Although many works have reported the use of real-time simulators and the rapid prototyping technique, after a careful review of the literature it was found that in most of the cases only one generation system and its converter were analyzed. This is because of the difficulty in communicating between several digital devices at the same time, or due hardware limitations. In addition to this, the procedure used for the rapid prototyping and connection between digital devices is not reported, which makes it difficult to reproduce the reported results; this is crucial for the development of new research. For this reason, the contribution of this paper is a full model of a hybrid PV–wind generation system in an RTDS (which stands for real-time digital simulator). Additionally, the development of the converter control techniques and their implementation in digital devices (Arduino Due) is presented, as well as a description of the procedure used for their rapid prototyping and their real-time performance testing.

The rest of this paper is organized as follows: Section 2 presents a description of the structure and modeling of the test system. Section 3 presents the converters used and the development of their control techniques.
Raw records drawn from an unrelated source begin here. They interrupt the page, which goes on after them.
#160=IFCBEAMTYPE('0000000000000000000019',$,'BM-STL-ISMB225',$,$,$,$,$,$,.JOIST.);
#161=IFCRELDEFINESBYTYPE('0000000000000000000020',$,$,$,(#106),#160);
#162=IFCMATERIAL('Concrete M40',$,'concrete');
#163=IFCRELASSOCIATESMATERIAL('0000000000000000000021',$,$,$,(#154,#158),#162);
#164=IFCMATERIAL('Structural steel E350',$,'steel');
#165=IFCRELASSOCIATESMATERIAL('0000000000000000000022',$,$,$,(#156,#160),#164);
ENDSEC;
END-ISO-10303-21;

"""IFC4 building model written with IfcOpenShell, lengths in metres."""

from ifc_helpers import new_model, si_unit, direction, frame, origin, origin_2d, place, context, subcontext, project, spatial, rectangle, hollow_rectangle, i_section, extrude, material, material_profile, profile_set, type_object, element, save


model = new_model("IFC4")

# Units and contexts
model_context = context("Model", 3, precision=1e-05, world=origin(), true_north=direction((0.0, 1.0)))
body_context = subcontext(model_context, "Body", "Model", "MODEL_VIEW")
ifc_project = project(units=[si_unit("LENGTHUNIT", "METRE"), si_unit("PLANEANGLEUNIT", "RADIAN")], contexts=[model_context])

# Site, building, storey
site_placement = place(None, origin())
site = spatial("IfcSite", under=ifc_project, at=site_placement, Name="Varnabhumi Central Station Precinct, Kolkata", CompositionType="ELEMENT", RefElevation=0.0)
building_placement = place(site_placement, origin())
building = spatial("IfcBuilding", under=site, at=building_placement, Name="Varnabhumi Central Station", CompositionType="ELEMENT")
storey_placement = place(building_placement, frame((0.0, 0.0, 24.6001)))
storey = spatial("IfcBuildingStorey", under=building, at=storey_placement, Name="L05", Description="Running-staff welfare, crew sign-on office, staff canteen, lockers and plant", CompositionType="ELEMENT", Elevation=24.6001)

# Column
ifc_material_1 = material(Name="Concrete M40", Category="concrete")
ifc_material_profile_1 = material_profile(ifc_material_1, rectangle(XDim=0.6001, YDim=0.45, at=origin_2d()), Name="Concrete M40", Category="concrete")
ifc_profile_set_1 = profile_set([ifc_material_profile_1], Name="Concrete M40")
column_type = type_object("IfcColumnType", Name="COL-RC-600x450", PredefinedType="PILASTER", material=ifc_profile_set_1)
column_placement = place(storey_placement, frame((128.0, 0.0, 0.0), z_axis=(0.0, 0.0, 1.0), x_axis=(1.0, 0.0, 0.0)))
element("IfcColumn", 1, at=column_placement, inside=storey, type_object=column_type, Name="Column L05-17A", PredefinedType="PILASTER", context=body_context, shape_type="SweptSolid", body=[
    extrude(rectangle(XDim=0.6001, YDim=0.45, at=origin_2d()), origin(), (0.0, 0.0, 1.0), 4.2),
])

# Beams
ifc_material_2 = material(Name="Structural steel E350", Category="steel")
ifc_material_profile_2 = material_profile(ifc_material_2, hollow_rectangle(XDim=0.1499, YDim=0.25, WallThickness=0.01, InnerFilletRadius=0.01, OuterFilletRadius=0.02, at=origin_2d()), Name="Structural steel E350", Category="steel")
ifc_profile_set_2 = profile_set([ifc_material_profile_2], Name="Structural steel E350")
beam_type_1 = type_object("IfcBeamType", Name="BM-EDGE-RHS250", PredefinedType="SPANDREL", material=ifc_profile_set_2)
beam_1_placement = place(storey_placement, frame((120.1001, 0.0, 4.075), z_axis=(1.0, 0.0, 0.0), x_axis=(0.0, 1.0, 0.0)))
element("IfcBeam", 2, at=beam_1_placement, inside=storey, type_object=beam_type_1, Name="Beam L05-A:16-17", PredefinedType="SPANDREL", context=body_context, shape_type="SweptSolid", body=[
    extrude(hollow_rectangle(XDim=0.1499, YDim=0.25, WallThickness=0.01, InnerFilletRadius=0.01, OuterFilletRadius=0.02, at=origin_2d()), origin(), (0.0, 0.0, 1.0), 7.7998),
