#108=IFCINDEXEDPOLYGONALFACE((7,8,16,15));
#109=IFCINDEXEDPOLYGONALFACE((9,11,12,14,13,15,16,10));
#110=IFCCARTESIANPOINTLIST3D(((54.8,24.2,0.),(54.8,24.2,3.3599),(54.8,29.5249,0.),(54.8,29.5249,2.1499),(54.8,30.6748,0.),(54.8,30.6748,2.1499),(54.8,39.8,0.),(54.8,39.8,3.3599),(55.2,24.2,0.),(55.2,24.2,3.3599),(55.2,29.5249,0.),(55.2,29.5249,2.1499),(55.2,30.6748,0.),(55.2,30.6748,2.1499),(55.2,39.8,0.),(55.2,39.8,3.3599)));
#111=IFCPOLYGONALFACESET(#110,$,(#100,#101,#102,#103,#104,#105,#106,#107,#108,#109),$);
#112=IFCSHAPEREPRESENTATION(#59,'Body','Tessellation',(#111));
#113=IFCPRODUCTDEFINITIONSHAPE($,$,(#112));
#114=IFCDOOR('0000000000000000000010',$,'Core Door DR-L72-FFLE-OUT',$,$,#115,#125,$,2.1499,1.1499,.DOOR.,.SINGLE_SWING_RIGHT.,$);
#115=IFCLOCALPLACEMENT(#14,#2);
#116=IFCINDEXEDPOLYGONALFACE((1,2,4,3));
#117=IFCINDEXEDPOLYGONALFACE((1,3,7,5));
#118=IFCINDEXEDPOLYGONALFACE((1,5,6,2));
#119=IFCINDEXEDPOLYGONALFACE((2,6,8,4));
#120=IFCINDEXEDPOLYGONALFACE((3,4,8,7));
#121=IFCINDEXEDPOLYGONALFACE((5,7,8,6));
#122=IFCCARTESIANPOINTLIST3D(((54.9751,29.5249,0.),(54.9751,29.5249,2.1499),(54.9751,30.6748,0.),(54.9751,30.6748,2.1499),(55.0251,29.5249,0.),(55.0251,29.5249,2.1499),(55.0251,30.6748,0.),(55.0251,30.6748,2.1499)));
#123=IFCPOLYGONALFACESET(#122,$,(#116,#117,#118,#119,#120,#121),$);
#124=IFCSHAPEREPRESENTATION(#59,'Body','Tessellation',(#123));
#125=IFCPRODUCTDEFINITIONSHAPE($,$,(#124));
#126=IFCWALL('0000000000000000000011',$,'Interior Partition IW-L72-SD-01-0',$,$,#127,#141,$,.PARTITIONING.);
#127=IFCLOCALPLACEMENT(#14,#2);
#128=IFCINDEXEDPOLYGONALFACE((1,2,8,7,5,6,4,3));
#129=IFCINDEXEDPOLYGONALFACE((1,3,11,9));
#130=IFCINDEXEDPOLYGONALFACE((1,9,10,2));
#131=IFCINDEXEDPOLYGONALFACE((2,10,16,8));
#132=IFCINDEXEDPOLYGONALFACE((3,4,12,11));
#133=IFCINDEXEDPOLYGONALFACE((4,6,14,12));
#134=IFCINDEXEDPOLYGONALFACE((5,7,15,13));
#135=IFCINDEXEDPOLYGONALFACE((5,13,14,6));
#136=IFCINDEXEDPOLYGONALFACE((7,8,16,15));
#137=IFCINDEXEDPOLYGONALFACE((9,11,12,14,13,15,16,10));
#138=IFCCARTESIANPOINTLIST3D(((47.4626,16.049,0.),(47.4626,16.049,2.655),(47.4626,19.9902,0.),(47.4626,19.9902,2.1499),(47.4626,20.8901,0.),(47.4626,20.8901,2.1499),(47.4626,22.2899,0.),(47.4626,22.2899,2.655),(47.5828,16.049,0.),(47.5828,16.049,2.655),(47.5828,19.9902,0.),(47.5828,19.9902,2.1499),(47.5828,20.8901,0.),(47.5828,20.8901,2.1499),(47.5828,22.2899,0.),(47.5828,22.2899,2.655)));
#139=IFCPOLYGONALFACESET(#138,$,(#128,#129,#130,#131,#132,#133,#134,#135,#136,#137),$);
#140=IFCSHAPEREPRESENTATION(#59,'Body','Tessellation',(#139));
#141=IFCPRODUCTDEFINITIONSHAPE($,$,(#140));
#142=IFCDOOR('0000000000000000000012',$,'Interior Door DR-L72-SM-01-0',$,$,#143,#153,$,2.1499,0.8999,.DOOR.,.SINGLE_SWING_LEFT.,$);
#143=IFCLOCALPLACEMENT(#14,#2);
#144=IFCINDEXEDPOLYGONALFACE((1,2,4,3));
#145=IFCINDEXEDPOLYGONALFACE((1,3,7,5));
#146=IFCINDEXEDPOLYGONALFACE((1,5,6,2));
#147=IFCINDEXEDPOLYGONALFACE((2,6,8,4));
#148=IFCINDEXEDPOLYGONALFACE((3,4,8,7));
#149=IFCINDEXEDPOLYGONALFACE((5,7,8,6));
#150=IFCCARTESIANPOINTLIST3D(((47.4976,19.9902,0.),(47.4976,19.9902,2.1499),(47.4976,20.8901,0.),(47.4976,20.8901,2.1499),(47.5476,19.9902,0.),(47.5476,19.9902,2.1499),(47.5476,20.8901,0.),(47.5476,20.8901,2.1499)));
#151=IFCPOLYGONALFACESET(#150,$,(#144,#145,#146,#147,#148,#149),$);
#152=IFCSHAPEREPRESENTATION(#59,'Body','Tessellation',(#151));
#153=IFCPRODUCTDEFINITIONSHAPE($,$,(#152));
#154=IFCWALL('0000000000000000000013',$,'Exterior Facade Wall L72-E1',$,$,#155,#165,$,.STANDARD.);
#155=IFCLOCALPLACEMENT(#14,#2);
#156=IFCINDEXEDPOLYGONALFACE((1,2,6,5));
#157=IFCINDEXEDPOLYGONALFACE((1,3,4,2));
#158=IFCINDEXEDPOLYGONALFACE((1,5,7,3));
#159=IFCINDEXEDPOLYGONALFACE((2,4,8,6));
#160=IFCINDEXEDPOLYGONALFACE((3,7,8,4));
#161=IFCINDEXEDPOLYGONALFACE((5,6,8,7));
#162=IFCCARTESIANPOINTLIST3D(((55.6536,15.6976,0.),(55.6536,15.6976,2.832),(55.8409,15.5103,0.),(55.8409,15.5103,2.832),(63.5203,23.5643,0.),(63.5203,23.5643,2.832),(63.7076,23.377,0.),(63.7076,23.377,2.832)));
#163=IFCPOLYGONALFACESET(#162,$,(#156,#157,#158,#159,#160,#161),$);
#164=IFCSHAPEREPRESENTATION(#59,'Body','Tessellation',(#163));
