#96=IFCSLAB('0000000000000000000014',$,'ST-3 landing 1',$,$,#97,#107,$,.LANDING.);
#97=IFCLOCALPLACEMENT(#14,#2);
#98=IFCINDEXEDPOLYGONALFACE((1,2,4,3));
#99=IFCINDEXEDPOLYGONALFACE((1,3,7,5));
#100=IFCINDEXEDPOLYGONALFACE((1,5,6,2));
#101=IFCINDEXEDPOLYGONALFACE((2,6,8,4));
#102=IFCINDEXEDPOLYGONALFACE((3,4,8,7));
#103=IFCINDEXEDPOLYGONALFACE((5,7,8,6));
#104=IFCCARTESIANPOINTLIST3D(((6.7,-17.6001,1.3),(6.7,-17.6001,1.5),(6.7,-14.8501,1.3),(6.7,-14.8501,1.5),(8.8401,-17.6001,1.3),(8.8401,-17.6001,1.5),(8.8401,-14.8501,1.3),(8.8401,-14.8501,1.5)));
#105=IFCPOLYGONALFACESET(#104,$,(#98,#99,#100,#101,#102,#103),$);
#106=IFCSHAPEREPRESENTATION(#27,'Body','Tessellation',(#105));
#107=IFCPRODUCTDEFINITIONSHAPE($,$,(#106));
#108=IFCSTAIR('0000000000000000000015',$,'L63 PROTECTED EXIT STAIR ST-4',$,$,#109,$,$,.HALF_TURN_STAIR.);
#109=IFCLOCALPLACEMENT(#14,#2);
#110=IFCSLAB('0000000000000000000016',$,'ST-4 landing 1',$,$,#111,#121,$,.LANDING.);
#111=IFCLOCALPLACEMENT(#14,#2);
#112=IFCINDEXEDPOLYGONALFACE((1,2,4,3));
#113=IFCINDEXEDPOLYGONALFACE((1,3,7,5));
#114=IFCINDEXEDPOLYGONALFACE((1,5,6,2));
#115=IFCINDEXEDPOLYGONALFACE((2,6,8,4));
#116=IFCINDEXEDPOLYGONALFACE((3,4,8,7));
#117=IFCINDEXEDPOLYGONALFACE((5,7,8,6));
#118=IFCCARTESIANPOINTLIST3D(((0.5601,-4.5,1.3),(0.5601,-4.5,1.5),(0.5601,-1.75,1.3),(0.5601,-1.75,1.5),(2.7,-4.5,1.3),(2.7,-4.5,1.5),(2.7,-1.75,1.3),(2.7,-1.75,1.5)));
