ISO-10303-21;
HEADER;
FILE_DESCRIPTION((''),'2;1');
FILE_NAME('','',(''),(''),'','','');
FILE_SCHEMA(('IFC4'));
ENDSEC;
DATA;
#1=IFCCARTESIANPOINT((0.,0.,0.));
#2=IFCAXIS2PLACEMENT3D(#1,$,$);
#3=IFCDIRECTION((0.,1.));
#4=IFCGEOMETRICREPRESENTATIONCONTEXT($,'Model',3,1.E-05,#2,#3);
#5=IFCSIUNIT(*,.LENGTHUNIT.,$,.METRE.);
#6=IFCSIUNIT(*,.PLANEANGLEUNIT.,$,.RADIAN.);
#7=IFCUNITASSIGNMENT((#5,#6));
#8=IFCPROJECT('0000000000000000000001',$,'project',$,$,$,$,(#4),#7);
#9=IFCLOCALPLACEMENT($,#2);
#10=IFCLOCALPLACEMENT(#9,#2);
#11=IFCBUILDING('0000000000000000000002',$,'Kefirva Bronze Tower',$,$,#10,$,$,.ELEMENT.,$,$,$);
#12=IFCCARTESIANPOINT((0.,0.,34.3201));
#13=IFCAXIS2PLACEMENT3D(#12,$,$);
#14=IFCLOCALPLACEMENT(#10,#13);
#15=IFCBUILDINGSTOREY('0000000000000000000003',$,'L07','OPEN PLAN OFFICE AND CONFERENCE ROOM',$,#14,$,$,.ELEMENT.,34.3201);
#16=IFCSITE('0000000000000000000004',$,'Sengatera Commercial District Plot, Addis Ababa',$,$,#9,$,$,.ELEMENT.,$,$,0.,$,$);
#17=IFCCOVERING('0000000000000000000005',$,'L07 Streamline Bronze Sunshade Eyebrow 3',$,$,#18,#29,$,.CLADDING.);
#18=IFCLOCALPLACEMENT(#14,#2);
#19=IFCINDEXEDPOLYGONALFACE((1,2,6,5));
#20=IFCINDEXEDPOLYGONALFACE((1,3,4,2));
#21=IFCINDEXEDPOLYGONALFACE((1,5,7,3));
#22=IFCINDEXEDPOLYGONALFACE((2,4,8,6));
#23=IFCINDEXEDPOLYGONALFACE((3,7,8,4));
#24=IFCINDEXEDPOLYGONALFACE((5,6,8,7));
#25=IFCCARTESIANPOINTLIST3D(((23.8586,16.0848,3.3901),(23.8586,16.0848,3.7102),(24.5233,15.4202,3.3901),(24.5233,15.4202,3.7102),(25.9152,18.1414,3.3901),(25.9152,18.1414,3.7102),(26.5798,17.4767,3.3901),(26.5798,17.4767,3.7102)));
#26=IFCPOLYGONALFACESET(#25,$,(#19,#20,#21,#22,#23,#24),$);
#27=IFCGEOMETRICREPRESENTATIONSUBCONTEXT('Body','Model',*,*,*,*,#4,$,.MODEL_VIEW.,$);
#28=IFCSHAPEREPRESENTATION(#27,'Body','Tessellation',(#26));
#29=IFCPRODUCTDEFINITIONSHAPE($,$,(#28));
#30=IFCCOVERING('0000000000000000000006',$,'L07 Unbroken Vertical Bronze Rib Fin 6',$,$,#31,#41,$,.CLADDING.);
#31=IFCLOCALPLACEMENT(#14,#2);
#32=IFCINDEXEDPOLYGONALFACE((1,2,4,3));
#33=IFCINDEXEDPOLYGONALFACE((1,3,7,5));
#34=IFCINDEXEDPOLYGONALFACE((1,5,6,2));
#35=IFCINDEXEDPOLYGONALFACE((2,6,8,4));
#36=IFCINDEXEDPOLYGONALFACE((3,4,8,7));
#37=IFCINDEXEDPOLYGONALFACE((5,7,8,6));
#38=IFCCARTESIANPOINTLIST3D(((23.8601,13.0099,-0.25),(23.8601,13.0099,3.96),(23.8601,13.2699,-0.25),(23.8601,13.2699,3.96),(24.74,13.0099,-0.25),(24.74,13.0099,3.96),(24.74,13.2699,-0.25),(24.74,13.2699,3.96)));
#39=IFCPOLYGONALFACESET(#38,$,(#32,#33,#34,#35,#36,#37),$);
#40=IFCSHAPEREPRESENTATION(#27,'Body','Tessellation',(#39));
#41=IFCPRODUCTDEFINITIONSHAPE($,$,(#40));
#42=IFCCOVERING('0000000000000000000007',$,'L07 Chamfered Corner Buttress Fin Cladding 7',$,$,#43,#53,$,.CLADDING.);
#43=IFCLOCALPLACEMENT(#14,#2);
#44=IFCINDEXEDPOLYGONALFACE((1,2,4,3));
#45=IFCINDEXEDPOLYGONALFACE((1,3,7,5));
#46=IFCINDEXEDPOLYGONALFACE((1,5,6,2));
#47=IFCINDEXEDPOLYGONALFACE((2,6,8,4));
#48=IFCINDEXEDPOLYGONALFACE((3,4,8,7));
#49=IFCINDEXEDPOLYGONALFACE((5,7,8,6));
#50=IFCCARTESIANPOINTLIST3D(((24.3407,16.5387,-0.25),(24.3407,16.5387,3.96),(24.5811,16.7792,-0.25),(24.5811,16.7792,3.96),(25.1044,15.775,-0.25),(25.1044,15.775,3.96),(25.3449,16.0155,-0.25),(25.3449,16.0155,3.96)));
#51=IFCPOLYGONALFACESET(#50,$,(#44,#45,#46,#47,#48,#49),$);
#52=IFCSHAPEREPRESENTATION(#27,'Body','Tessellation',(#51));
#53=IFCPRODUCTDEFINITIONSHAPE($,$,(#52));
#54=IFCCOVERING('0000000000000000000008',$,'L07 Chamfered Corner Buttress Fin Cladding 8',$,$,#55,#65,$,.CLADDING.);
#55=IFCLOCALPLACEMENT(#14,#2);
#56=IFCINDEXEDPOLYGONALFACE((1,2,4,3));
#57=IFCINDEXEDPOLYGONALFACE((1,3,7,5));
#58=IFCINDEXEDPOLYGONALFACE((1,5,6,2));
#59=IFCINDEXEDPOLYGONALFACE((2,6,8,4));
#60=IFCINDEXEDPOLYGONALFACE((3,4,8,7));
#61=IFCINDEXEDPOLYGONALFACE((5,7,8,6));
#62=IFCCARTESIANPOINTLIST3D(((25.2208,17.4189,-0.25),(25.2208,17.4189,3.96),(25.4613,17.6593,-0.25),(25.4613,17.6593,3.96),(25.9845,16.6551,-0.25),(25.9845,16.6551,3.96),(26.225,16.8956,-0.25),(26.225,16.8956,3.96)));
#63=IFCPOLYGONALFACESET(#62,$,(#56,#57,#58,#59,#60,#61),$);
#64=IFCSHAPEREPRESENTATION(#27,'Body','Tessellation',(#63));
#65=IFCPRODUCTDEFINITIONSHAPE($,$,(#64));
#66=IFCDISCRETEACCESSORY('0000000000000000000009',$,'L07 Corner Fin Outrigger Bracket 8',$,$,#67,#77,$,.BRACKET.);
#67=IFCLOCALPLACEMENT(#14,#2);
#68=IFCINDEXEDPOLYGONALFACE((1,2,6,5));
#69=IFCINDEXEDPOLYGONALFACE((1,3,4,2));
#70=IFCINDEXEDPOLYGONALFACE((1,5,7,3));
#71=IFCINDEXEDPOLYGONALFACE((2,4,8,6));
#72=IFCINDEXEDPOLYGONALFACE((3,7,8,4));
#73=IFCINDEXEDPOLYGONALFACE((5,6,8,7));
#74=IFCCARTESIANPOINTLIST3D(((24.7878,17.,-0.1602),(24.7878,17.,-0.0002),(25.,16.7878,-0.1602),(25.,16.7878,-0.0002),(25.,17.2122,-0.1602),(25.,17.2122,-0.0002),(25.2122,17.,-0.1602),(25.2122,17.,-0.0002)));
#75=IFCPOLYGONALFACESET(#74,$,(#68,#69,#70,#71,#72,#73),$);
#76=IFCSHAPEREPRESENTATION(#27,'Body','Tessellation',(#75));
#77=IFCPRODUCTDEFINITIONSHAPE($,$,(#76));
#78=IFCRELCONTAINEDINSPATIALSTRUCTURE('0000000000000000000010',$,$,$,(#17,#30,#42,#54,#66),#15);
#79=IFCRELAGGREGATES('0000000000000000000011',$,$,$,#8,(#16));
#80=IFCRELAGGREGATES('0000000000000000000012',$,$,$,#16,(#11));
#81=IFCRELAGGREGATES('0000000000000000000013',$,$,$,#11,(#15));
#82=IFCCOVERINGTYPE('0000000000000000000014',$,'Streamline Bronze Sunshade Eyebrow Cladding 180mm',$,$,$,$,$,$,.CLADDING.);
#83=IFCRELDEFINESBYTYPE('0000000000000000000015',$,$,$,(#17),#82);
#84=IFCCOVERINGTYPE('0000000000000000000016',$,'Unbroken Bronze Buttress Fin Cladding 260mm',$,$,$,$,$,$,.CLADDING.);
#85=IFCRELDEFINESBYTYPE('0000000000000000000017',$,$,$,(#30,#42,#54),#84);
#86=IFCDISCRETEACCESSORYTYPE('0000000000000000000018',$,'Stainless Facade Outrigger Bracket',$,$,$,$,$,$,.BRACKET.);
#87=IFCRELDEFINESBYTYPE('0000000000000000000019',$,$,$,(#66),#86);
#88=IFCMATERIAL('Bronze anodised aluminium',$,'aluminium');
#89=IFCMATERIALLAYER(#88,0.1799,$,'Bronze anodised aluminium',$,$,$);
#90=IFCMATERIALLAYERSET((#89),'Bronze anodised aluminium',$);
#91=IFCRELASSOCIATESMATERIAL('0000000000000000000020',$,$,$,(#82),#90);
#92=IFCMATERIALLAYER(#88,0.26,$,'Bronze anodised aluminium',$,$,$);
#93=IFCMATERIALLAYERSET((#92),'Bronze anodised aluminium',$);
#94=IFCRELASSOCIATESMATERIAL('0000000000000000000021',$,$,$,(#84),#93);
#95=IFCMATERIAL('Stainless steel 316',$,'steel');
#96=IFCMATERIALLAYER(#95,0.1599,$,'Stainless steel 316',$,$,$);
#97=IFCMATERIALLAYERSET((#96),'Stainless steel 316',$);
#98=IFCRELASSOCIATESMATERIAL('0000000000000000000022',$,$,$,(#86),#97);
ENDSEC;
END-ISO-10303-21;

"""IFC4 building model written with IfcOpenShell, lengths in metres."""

from ifc_helpers import new_model, si_unit, direction, frame, origin, origin_2d, place, context, subcontext, project, spatial, rectangle, extrude, material, layer, layer_set, type_object, element, save


model = new_model("IFC4")

# Units and contexts
model_context = context("Model", 3, precision=1e-05, world=origin(), true_north=direction((0.0, 1.0)))
body_context = subcontext(model_context, "Body", "Model", "MODEL_VIEW")
ifc_project = project(units=[si_unit("LENGTHUNIT", "METRE"), si_unit("PLANEANGLEUNIT", "RADIAN")], contexts=[model_context])

# Site, building, storey
site_placement = place(None, origin())
site = spatial("IfcSite", under=ifc_project, at=site_placement, Name="Sengatera Commercial District Plot, Addis Ababa", CompositionType="ELEMENT", RefElevation=0.0)
building_placement = place(site_placement, origin())
building = spatial("IfcBuilding", under=site, at=building_placement, Name="Kefirva Bronze Tower", CompositionType="ELEMENT")
storey_placement = place(building_placement, frame((0.0, 0.0, 34.3201)))
storey = spatial("IfcBuildingStorey", under=building, at=storey_placement, Name="L07", Description="OPEN PLAN OFFICE AND CONFERENCE ROOM", CompositionType="ELEMENT", Elevation=34.3201)

# Shared definitions
ifc_material_1 = material(Name="Bronze anodised aluminium", Category="aluminium")

# Coverings
ifc_layer_1 = layer(ifc_material_1, 0.1799, Name="Bronze anodised aluminium")
ifc_layer_set_1 = layer_set([ifc_layer_1], Name="Bronze anodised aluminium")
covering_type_1 = type_object("IfcCoveringType", Name="Streamline Bronze Sunshade Eyebrow Cladding 180mm", PredefinedType="CLADDING", material=ifc_layer_set_1)
covering_1_placement = place(storey_placement, frame((25.2192, 16.7808, 3.3901), z_axis=(0.0, 0.0, 1.0), x_axis=(0.707107, 0.707107, 0.0)))
element("IfcCovering", 1, at=covering_1_placement, inside=storey, type_object=covering_type_1, Name="L07 Streamline Bronze Sunshade Eyebrow 3", PredefinedType="CLADDING", context=body_context, shape_type="SweptSolid", body=[
    extrude(rectangle(XDim=2.9084, YDim=0.9399, at=origin_2d()), origin(), (0.0, 0.0, 1.0), 0.3201),
])
ifc_layer_2 = layer(ifc_material_1, 0.26, Name="Bronze anodised aluminium")
ifc_layer_set_2 = layer_set([ifc_layer_2], Name="Bronze anodised aluminium")
covering_type_2 = type_object("IfcCoveringType", Name="Unbroken Bronze Buttress Fin Cladding 260mm", PredefinedType="CLADDING", material=ifc_layer_set_2)
covering_2_placement = place(storey_placement, frame((24.3, 13.1399, -0.25), z_axis=(0.0, 0.0, 1.0), x_axis=(0.0, 1.0, 0.0)))
element("IfcCovering", 2, at=covering_2_placement, inside=storey, type_object=covering_type_2, Name="L07 Unbroken Vertical Bronze Rib Fin 6", PredefinedType="CLADDING", context=body_context, shape_type="SweptSolid", body=[
    extrude(rectangle(XDim=0.26, YDim=0.8799, at=origin_2d()), origin(), (0.0, 0.0, 1.0), 4.21),
])
for number, where, z_axis, x_axis, name in (
    (3, (24.8428, 16.2771, -0.25), (0.0, 0.0, 1.0), (0.707107, 0.707107, 0.0), "L07 Chamfered Corner Buttress Fin Cladding 7"),
    (4, (25.7229, 17.1572, -0.25), (0.0, 0.0, 1.0), (0.707107, 0.707107, 0.0), "L07 Chamfered Corner Buttress Fin Cladding 8"),
):
    element("IfcCovering", number, at=place(storey_placement, frame(where, z_axis=z_axis, x_axis=x_axis)), inside=storey, type_object=covering_type_2, Name=name, PredefinedType="CLADDING", context=body_context, shape_type="SweptSolid", body=[
        extrude(rectangle(XDim=0.3401, YDim=1.0801, at=origin_2d()), origin(), (0.0, 0.0, 1.0), 4.21),
    ])

# Discrete accessory
ifc_material_2 = material(Name="Stainless steel 316", Category="steel")
ifc_layer_3 = layer(ifc_material_2, 0.1599, Name="Stainless steel 316")
ifc_layer_set_3 = layer_set([ifc_layer_3], Name="Stainless steel 316")
discrete_accessory_type = type_object("IfcDiscreteAccessoryType", Name="Stainless Facade Outrigger Bracket", PredefinedType="BRACKET", material=ifc_layer_set_3)
discrete_accessory_placement = place(storey_placement, frame((25.0, 17.0, -0.1602), z_axis=(0.0, 0.0, 1.0), x_axis=(0.707107, 0.707107, 0.0)))
element("IfcDiscreteAccessory", 5, at=discrete_accessory_placement, inside=storey, type_object=discrete_accessory_type, Name="L07 Corner Fin Outrigger Bracket 8", PredefinedType="BRACKET", context=body_context, shape_type="SweptSolid", body=[
    extrude(rectangle(XDim=0.3, YDim=0.3, at=origin_2d()), origin(), (0.0, 0.0, 1.0), 0.1599),
])

save(model, "model.ifc")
Section 4 shows the considerations for control law implementation in the Arduino Due and its connection with the RTDS. Section 5 discusses and presents simulations of the grid-connected hybrid PV–wind model through a three-phase inverter during transient conditions. Finally, Section 6 draws the main conclusions of this work.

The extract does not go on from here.